I'm thankful for Derbshire's recognizing that the bizarre and paradoxical "culture of life" crowd was prepared to sacrifice Michael Schiavo on the nearest alter of burnt offerings, willing to bring death to promote "life". I'm glad someone is finally pointing out the bullying incongruence of the RTL's agenda. And he didn't even mention how RTL's want to end abortion while also outlawing contraception.
As I suggested to Barbara O'Brien, guest posting at Glenn Greenwald's pad, the conservative movement practices an extreme but highly recognizable and decipherable form of psychological projection:
Seems like a classic case of projection to me.
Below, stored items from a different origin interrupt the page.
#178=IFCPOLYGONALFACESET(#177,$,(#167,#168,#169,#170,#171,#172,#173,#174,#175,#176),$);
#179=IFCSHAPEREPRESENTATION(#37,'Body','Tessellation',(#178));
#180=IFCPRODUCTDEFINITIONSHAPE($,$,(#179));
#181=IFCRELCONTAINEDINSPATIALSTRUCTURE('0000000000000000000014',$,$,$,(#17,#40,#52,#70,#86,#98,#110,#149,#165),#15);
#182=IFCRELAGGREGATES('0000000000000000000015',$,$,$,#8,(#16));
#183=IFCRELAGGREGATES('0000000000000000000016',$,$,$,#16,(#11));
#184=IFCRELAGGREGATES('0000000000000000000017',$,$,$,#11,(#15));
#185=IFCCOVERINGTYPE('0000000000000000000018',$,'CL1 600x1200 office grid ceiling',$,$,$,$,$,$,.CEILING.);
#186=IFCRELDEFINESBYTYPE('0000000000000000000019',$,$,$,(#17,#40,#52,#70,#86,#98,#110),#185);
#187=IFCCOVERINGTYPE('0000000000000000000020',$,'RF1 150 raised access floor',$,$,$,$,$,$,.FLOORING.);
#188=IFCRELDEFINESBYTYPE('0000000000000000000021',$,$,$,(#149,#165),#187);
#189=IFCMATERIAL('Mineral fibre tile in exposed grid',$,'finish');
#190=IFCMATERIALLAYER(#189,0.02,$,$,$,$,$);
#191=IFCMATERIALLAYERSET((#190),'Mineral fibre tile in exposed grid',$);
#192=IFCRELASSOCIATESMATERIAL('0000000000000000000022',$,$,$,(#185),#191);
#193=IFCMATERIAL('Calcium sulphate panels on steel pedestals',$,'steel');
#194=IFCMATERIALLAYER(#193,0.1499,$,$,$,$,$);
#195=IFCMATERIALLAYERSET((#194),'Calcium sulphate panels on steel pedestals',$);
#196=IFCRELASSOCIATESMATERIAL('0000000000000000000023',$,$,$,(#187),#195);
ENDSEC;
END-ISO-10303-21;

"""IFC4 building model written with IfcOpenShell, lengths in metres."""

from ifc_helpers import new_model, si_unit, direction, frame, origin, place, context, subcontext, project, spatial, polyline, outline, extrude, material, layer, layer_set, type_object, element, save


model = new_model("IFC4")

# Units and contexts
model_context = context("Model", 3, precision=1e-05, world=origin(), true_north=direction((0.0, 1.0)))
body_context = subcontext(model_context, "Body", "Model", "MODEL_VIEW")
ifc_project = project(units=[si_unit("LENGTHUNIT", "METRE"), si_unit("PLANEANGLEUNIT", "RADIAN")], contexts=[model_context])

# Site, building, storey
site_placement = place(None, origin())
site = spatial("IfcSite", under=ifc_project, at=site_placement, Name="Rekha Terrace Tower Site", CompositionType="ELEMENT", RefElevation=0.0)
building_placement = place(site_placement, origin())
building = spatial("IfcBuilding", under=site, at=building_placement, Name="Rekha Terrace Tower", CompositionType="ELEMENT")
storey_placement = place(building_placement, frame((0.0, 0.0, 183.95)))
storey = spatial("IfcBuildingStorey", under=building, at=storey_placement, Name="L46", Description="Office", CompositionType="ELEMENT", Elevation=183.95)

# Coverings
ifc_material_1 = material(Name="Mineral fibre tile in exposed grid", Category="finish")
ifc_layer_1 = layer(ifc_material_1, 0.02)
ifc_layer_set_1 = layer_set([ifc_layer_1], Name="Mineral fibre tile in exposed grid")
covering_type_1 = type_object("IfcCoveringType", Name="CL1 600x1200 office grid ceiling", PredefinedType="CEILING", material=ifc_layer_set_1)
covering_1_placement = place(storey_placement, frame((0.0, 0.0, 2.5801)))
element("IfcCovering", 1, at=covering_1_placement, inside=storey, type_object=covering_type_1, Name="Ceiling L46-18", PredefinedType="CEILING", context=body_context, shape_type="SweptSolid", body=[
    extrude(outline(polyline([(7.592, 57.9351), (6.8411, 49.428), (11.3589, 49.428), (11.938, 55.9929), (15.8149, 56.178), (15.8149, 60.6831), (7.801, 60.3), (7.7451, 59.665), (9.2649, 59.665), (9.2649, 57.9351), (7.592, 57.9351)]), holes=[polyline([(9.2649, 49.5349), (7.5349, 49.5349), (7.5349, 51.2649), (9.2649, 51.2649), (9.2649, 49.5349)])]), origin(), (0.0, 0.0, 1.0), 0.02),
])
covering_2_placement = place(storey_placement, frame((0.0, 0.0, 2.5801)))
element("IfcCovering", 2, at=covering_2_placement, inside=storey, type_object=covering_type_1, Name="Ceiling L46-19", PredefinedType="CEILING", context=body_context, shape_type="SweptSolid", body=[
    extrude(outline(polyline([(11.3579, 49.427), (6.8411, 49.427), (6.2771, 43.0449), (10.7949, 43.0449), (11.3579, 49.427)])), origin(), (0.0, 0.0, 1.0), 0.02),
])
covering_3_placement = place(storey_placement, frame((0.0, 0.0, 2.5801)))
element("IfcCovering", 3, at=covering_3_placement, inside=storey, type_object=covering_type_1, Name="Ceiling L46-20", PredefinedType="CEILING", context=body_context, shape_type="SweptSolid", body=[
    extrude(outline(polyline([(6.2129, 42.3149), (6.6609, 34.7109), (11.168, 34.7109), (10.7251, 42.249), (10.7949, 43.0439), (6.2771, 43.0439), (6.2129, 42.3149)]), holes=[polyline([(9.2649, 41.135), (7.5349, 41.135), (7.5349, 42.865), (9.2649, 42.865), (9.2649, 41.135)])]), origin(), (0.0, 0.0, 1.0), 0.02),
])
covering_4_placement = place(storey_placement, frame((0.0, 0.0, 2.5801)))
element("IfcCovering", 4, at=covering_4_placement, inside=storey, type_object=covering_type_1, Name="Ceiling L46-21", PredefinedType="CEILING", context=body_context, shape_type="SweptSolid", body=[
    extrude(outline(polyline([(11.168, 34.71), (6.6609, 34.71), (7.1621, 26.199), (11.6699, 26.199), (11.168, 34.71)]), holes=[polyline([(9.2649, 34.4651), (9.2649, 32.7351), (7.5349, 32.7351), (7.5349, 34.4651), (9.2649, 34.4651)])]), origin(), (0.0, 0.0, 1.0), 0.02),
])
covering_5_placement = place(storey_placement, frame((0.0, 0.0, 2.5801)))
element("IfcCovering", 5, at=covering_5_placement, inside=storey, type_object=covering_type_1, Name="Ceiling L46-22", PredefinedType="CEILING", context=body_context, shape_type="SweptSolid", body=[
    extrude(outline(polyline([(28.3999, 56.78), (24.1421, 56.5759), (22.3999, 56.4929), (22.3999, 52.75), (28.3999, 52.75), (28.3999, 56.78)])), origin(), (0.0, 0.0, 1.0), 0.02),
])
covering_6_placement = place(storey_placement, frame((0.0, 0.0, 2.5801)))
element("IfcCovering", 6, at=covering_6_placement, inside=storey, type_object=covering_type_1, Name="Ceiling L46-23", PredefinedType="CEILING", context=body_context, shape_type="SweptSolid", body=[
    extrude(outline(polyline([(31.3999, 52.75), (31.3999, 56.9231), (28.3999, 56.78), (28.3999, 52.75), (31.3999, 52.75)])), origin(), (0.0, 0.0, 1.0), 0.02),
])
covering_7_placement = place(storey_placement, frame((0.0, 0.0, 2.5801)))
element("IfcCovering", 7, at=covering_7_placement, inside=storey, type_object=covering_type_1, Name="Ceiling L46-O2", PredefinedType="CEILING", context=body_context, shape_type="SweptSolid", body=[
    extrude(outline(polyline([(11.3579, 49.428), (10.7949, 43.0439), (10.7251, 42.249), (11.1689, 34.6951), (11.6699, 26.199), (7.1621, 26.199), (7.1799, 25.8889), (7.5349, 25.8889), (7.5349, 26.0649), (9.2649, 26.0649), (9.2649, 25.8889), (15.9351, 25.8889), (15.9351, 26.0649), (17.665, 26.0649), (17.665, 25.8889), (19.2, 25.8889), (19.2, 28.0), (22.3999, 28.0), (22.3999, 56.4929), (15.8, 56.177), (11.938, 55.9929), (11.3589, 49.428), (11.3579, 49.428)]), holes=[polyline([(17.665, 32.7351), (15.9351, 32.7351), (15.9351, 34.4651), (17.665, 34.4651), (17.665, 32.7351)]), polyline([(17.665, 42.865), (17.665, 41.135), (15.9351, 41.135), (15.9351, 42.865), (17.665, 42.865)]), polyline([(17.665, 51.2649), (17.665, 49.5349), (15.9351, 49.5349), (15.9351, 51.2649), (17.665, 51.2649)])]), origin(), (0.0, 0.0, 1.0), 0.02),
Conservatives celebrate death but accuse of liberals of being the party of death.
Conservatives proclaim a dedication to small government and express contempt for liberal do-gooders but paradoxically defend a power-grabbing presidency and complain that the culture is too crude.
Conservatives complain that Christianity is given short thrift in the "public square" and that liberals are out to destroy it, but by their words and actions, don't appear to even be aware of their religion's basic tenets, spirit and Biblical foundation.
I might have added how peculiar it is to be lectured about the depravity and crudeness of our culture and our supposed moral relativism by a crowd that would allow Ann Coulter to represent them and that as far as I can see practices a form of moral relativism itself in that the only morals it appears to willing to defend, and the only actions it appears willing to justify are those used in the service of advancing a narrow version of America's self-interest.
A few glances at right-wing responses to Abu Graib and the latest reports from Haditha should be enough to demonstrate that the right, or at least a sizable class of it, has no morals whatsoever. The only morals it holds dear are those associated with its fantasies of American exceptionalism and world dominion.
Moreover, the "war-right" and the RTL crowds are not only fellow travelers in the bitter, alternative universe that is American conservativism, they are often and usually the exact same people.
The result is a weird mix of anachronistic, selectively chosen, biblically-based moralizing with an unhealthy dose of fascist privacy invading and nationalist tendencies, all of which serves to produce as Derbyshire notes, A Frigid and Pitiless Dogma, ready to sacrifice individual rights for those of an embryo while celebrating the deaths of people like Rachel Corrie and David Rosenbaum, not to mention willing and eager for others to make Iraq a desolate, wasteland of broken lives and burned bodies so that their country might achieve its glorious destiny.